Symposia
Suicide and Self-Injury
Andrea Perez-Munoz, M.S. (she/her/hers)
University of Memphis
Memphis, Tennessee, United States
Gretchen J. Diefenbach, Ph.D. (she/her/hers)
Staff Psychologist and Research Program Coordinator, Anxiety Disorder Center
Institute of Living
Hartford, Connecticut, United States
David Tolin, ABPP, Ph.D. (he/him/his)
Director
Anxiety Disorders Center, The Institute of Living
Hartford, Connecticut, United States
Michael David Rudd, ABPP, Ph.D.
University of Memphis President
University of Memphis
Memphis, Tennessee, United States
Background: Suicide ambivalence, typically defined as fluctuations in an individual’s wish to live (WTL) and wish to die (WTD), is a developing theory of suicide risk that incorporates a more dynamic approach to understanding suicide ideation, intent, and motivation to die. Suicide ambivalence is typically operationalized as the difference between WTL and WTD, as measured from the Beck Scale for Suicide Ideation (BSS: Beck et al., 1988) self-report measure. This measure (BSS) and definition of suicide ambivalence has been used in previous research (Mitchell et al., in press), with variable findings with regard to suicide ideation latent classes. Previous research has also found evidence to suggest that suicide ambivalence is predictive of suicidal desire, primarily driven by changes in WTD (Oakey-Frost, 2023). Given previous research, we investigated typologies in WTD and WTL characterized by ambivalent (differences in WTL and WTD) and non-ambivalent (resolved WTL and resolved WTD) suicidality to identify individuals at higher risk of suicide.

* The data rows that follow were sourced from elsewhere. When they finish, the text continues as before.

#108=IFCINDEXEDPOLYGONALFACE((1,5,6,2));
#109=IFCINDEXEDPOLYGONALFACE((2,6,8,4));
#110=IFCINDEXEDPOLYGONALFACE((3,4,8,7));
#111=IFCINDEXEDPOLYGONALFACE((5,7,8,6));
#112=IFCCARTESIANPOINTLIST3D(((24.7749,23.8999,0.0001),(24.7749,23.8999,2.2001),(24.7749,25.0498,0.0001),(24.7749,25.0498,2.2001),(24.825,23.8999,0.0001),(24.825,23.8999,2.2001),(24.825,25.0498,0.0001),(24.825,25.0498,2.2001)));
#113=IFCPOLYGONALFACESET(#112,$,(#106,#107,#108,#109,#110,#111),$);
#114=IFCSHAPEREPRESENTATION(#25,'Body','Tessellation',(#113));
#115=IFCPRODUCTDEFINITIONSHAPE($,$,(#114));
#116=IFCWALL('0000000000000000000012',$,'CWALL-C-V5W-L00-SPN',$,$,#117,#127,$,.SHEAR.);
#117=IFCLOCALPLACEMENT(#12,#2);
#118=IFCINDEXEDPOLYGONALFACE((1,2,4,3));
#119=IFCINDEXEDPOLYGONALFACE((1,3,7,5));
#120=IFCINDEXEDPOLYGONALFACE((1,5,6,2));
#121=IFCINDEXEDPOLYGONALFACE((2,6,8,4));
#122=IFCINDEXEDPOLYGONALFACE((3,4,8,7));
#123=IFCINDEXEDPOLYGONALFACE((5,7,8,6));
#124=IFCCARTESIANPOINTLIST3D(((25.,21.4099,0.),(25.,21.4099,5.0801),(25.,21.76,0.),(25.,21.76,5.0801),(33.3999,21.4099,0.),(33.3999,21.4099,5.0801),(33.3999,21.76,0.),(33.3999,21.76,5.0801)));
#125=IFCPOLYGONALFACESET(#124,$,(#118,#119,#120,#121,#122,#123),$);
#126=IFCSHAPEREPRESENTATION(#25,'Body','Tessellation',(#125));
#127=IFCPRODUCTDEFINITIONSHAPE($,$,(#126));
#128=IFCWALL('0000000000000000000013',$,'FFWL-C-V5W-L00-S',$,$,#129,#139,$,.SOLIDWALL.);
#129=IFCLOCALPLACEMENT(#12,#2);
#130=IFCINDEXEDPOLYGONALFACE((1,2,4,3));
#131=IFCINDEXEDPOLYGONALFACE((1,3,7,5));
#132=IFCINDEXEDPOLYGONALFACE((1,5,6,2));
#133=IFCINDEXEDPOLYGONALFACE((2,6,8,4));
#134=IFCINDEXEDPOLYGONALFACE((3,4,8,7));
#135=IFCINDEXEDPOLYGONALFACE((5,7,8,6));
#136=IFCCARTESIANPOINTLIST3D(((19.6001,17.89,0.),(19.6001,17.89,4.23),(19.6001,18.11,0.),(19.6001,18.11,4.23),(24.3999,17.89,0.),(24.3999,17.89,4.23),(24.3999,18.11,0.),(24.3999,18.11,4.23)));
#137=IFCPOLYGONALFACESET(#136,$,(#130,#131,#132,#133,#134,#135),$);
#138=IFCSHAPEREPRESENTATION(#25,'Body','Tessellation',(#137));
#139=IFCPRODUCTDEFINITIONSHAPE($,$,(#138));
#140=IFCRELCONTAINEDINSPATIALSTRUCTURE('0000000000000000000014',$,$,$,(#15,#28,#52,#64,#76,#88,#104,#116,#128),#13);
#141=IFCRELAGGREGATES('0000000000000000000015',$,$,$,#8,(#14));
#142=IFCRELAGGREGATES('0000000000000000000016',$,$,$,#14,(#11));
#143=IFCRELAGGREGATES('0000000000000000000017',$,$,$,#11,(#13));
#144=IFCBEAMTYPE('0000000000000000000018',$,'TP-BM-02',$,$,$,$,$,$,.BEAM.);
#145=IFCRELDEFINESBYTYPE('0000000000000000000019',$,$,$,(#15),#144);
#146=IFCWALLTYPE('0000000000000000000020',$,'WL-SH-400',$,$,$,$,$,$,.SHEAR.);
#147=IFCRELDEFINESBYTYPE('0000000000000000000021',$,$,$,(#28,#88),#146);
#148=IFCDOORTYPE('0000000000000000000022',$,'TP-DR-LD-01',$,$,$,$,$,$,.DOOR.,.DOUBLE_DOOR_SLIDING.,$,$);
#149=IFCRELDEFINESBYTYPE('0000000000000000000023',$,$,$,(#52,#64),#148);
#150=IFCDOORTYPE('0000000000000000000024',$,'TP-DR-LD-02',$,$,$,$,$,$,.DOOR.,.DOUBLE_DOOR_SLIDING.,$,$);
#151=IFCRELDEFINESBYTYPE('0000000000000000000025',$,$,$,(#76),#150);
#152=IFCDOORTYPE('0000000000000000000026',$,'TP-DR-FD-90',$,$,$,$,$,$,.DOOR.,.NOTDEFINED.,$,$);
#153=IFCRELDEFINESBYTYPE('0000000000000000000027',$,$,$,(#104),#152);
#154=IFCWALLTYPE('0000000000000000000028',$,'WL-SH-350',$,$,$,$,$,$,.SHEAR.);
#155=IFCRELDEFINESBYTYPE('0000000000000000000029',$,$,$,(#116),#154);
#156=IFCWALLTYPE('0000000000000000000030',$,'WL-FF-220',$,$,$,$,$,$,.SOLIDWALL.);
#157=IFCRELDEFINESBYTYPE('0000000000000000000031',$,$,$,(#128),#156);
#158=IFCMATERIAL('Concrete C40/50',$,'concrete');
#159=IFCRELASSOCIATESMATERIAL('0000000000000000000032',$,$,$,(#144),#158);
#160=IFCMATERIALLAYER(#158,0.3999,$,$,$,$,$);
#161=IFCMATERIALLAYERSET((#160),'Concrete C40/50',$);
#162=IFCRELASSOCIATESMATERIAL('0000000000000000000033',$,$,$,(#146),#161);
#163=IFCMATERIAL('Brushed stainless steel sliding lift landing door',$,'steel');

Methods: 200 individuals admitted for suicidality at an inpatient facility reported WTL and WTD scores at intake and throughout 6 months. Suicide ambivalence was translated to a categorical variable from a continuous measure (0-8) comprised of two items with single ratings of WTL and WTD, with scores of 0-3 indicating low levels of WTL or WTD and scores of 5-8 indicating high levels of WTL or WTD. Exploratory analyses on the construct of resolved wish to die (non-ambivalence regarding high WTD and low WTL) were conducted.
Results: Resolved wish to die was effective at differentiating those making multiple suicide attempts, those with more severe symptom profiles, inpatient readmissions, and evidenced promising levels of specificity (92.1%) and positive predictive value (50%) for suicide attempts relative to other variables.
Conclusion: Identifying resolved wish to die in clinical settings can be accomplished with two simple questions and used as part of a broader suicide risk evaluation strategy. In totality, the most compelling evidence of utility of the construct of suicide ambivalence is that individuals identified with resolved wish to die, compared to all other categories that have some level of ambivalence, predict the presence or absence of inpatient readmissions and suicide attempts at follow-up. WTL and WTD are important constructs, and we posit that these commonly used measures can be used to assess suicide ambivalence in a clinically meaningful way by further evaluating resolved ambivalence.